Python tornado queue example a concurrent web crawler code share
- 2020-06-23 01:05:37
- OfStack
Queue
The ES5en.queue module of Tornado implements an asynchronous producer/consumer pattern queue for coroutine based applications. This is similar to the queue module implemented by the python standard library for multithreaded environments.
The execution of a coroutine to yieldqueue. get is paused until there is an entry in the queue. If queue has an upper limit, the execution of yieldqueue. put for a coroutine will be paused until there is an empty place in the queue.
A reference count of one unfinished task is maintained within one queue, and each call to the put operation increases the reference count, while calling the task_done operation decreases the reference count.
Here is an example of a simple web crawler:
Initially, queue contained only one benchmark, url. When 1 worker pulls 1 url out of it, it parses the contained url from the corresponding page and queues it, then calls task_done to reduce the reference count by 1.

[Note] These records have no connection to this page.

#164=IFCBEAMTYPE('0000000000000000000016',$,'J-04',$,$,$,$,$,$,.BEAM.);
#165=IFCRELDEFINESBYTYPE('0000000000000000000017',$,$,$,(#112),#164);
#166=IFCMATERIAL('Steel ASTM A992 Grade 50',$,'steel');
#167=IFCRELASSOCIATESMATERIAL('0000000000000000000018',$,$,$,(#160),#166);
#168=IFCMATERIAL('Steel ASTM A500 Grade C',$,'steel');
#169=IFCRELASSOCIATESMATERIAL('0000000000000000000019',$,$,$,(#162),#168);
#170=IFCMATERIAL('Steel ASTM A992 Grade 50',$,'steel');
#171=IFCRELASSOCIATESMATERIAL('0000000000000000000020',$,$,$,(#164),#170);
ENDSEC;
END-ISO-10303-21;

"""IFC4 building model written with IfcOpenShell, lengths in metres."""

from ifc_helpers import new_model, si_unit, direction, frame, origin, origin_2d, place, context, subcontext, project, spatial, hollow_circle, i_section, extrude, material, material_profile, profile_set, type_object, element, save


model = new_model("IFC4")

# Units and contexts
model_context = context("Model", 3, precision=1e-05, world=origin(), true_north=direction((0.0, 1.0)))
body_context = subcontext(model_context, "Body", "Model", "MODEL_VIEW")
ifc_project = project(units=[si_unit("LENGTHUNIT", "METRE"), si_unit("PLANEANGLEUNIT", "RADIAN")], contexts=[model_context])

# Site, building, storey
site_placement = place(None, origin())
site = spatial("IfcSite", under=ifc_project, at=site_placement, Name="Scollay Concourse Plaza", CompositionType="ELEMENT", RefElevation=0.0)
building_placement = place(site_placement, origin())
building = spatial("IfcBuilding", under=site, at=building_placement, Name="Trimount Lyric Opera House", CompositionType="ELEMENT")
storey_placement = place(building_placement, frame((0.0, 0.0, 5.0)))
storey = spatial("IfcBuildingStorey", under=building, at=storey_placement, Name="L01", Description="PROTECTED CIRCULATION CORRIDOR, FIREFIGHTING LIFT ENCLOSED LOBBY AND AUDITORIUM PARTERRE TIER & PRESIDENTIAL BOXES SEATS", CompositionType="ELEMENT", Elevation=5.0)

Finally, worker pulls out 1 url, and all of the url in the url page has already been processed, so there is no url in the queue. Calling task_done reduces the reference count to 0.
Thus, in the main coroutine, the join operation will lift the hang and end the master coroutine.

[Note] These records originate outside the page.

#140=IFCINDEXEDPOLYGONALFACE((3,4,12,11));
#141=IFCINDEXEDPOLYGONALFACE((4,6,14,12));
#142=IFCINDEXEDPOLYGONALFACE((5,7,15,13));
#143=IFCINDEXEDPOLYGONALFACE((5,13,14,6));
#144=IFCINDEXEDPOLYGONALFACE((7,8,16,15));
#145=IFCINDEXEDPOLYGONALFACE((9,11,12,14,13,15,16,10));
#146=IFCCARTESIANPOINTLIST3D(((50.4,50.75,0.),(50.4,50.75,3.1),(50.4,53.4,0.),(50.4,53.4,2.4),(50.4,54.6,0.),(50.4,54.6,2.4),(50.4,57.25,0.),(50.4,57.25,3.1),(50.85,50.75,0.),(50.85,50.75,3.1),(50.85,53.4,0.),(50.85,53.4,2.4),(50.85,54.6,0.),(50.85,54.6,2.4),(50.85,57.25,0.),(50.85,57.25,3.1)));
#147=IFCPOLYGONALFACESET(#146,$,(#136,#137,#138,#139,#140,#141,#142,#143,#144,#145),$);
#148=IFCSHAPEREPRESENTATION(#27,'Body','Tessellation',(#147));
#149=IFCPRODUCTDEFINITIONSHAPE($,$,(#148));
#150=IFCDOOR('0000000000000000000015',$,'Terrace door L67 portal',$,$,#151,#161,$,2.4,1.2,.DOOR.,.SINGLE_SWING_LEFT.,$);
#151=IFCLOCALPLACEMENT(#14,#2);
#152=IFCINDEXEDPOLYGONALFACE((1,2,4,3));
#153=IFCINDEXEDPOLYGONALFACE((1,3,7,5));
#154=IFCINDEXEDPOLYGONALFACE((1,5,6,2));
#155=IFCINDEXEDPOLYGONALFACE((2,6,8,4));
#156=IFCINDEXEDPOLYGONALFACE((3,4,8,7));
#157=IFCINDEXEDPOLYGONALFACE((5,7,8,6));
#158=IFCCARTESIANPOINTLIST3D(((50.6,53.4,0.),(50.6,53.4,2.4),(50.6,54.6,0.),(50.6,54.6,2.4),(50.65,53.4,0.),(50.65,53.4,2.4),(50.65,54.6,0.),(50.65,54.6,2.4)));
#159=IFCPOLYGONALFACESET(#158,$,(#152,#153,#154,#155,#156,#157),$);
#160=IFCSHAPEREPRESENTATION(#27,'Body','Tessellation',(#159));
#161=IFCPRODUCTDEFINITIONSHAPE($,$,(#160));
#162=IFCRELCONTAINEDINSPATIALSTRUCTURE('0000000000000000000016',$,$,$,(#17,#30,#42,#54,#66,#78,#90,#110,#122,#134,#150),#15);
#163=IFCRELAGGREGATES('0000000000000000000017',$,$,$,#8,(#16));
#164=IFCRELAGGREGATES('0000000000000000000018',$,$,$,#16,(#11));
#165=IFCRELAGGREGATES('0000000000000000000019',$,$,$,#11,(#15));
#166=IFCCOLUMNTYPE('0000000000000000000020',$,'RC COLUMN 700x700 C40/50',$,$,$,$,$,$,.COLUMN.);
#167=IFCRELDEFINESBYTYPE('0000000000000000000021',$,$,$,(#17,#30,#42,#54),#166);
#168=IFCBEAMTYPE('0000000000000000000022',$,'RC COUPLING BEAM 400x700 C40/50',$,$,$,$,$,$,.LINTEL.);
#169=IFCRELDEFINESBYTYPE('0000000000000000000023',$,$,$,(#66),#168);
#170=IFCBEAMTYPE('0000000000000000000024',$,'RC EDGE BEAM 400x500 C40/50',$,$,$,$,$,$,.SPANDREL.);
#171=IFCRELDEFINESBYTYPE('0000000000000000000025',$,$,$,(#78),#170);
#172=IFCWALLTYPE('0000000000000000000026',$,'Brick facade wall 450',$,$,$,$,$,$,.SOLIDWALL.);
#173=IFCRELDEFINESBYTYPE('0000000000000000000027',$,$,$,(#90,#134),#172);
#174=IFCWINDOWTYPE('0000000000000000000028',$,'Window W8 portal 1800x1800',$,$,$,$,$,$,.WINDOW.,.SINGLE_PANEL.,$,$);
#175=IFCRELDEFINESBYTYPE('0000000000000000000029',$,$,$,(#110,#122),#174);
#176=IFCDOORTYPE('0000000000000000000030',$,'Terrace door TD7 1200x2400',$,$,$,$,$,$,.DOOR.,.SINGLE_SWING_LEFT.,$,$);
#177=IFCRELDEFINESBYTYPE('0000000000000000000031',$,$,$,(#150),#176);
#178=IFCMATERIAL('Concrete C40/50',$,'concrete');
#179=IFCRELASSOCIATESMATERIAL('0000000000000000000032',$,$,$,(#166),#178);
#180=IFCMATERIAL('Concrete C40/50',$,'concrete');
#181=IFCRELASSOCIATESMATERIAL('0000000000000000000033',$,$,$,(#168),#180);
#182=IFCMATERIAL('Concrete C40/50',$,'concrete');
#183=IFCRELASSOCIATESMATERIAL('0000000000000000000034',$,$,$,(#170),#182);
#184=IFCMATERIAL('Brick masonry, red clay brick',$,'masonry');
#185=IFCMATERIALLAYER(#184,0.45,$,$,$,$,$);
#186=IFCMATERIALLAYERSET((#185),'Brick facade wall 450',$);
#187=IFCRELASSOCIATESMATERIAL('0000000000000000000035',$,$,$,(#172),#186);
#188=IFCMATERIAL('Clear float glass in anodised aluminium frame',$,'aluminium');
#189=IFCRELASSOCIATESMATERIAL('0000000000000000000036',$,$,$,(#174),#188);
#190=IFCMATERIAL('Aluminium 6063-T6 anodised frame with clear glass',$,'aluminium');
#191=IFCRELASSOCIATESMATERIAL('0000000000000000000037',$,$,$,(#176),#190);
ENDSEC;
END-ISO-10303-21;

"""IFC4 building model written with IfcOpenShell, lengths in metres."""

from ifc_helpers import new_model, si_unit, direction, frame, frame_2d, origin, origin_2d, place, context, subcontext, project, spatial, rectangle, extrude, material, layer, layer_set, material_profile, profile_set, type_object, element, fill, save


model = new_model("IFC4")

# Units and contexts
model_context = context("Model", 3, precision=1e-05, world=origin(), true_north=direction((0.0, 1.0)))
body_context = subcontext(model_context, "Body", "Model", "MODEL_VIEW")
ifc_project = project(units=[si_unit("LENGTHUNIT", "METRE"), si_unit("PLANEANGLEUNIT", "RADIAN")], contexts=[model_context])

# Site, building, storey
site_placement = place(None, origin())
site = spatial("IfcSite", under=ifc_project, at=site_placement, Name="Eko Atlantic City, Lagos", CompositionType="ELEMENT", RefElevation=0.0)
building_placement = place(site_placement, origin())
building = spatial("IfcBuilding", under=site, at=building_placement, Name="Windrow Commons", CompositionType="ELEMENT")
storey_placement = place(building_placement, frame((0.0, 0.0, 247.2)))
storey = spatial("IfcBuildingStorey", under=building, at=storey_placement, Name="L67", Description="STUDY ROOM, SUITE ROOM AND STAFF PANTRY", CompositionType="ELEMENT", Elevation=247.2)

This crawler USES HTMLParse to parse the html page.
import time
from datetime import timedelta
try:
from HTMLParser import HTMLParser
from urlparse import urljoin, urldefrag
except ImportError:
from html.parser import HTMLParser
from urllib.parse import urljoin, urldefrag
from tornado import httpclient, gen, ioloop, queues
base_url = 'http://www.tornadoweb.org/en/stable/'
concurrency = 10
@gen.coroutine
def get_links_from_url(url):
"""Download the page at `url` and parse it for links.

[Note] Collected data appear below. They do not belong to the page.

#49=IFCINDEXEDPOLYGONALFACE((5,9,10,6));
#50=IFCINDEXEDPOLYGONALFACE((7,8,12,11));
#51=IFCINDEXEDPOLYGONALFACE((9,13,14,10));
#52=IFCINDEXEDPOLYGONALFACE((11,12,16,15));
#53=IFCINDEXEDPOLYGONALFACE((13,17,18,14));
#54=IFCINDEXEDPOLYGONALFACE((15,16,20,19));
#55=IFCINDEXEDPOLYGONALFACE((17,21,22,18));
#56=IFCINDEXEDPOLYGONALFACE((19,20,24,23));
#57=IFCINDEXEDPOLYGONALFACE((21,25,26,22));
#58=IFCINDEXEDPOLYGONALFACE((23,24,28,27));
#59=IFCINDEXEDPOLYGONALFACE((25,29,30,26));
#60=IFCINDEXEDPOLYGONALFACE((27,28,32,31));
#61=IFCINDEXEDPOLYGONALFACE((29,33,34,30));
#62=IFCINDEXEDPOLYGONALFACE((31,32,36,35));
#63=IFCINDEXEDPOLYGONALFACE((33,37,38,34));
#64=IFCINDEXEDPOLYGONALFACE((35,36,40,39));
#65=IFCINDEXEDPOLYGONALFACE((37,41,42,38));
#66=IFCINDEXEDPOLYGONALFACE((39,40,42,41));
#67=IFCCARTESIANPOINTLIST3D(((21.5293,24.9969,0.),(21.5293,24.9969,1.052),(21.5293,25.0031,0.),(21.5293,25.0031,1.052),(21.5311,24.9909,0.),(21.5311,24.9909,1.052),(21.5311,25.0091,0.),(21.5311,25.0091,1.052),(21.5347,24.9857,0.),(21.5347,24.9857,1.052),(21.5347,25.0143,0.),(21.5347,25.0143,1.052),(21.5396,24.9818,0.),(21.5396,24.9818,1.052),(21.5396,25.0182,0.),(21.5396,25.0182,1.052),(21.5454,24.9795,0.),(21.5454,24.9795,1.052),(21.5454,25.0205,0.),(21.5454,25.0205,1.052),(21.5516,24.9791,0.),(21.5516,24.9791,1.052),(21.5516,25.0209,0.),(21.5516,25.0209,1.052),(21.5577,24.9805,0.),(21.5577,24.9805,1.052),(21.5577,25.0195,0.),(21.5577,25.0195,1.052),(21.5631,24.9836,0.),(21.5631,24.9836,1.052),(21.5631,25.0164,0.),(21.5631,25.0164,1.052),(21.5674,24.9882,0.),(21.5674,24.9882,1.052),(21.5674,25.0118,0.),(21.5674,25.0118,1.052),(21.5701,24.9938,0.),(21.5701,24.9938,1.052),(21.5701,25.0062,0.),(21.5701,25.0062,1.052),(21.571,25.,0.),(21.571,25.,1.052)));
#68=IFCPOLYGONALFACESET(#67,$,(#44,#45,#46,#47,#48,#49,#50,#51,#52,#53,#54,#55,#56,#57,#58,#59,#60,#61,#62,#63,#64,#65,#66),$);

Returned links have had the fragment after `#` removed, and have been made
absolute so, e.g. the URL 'gen.html#tornado.gen.coroutine' becomes
'http://www.tornadoweb.org/en/stable/gen.html'.
"""
try:
response = yield httpclient.AsyncHTTPClient().fetch(url)
print('fetched %s' % url)
html = response.body if isinstance(response.body, str) \
else response.body.decode()
urls = [urljoin(url, remove_fragment(new_url))
for new_url in get_links(html)]
except Exception as e:
print('Exception: %s %s' % (e, url))
raise gen.Return([])
raise gen.Return(urls)
# For from 1 Student: It contains fragments url Extract the real from the url.
def remove_fragment(url):
pure_url, frag = urldefrag(url)
return pure_url
def get_links(html):
class URLSeeker(HTMLParser):
def __init__(self):
HTMLParser.__init__(self)
self.urls = []
# From all a Tag in extract in href Properties.
def handle_starttag(self, tag, attrs):
href = dict(attrs).get('href')
if href and tag == 'a':
self.urls.append(href)
url_seeker = URLSeeker()
url_seeker.feed(html)
return url_seeker.urls
@gen.coroutine
def main():
q = queues.Queue()
start = time.time()
fetching, fetched = set(), set()
@gen.coroutine
def fetch_url():
current_url = yield q.get()
try:
if current_url in fetching:
return
print('fetching %s' % current_url)
fetching.add(current_url)
urls = yield get_links_from_url(current_url)
fetched.add(current_url)
for new_url in urls:
# Only follow links beneath the base URL
if new_url.startswith(base_url):
yield q.put(new_url)
finally:
q.task_done()
@gen.coroutine
def worker():
while True:
yield fetch_url()
q.put(base_url)
# Start workers, then wait for the work queue to be empty.
for _ in range(concurrency):
worker()
yield q.join(timeout=timedelta(seconds=300))
assert fetching == fetched
print('Done in %d seconds, fetched %s URLs.' % (
time.time() - start, len(fetched)))
if __name__ == '__main__':
import logging
logging.basicConfig()
io_loop = ioloop.IOLoop.current()
io_loop.run_sync(main)
conclusion
Above, from the Tornado official website user guide introduction and example, this student carried out a simple translation, and then took the code. Time is a little short, this site has not carried out the installation of tornado and the test of this section of code, so there is no result demonstration, please forgive me.
The Python tornado queue example -1 concurrent web crawler code sharing introduction is here, I hope to help you. Interested friends can continue to refer to other related topics in this site, if there is any deficiency, welcome to comment out. Thank you for your support!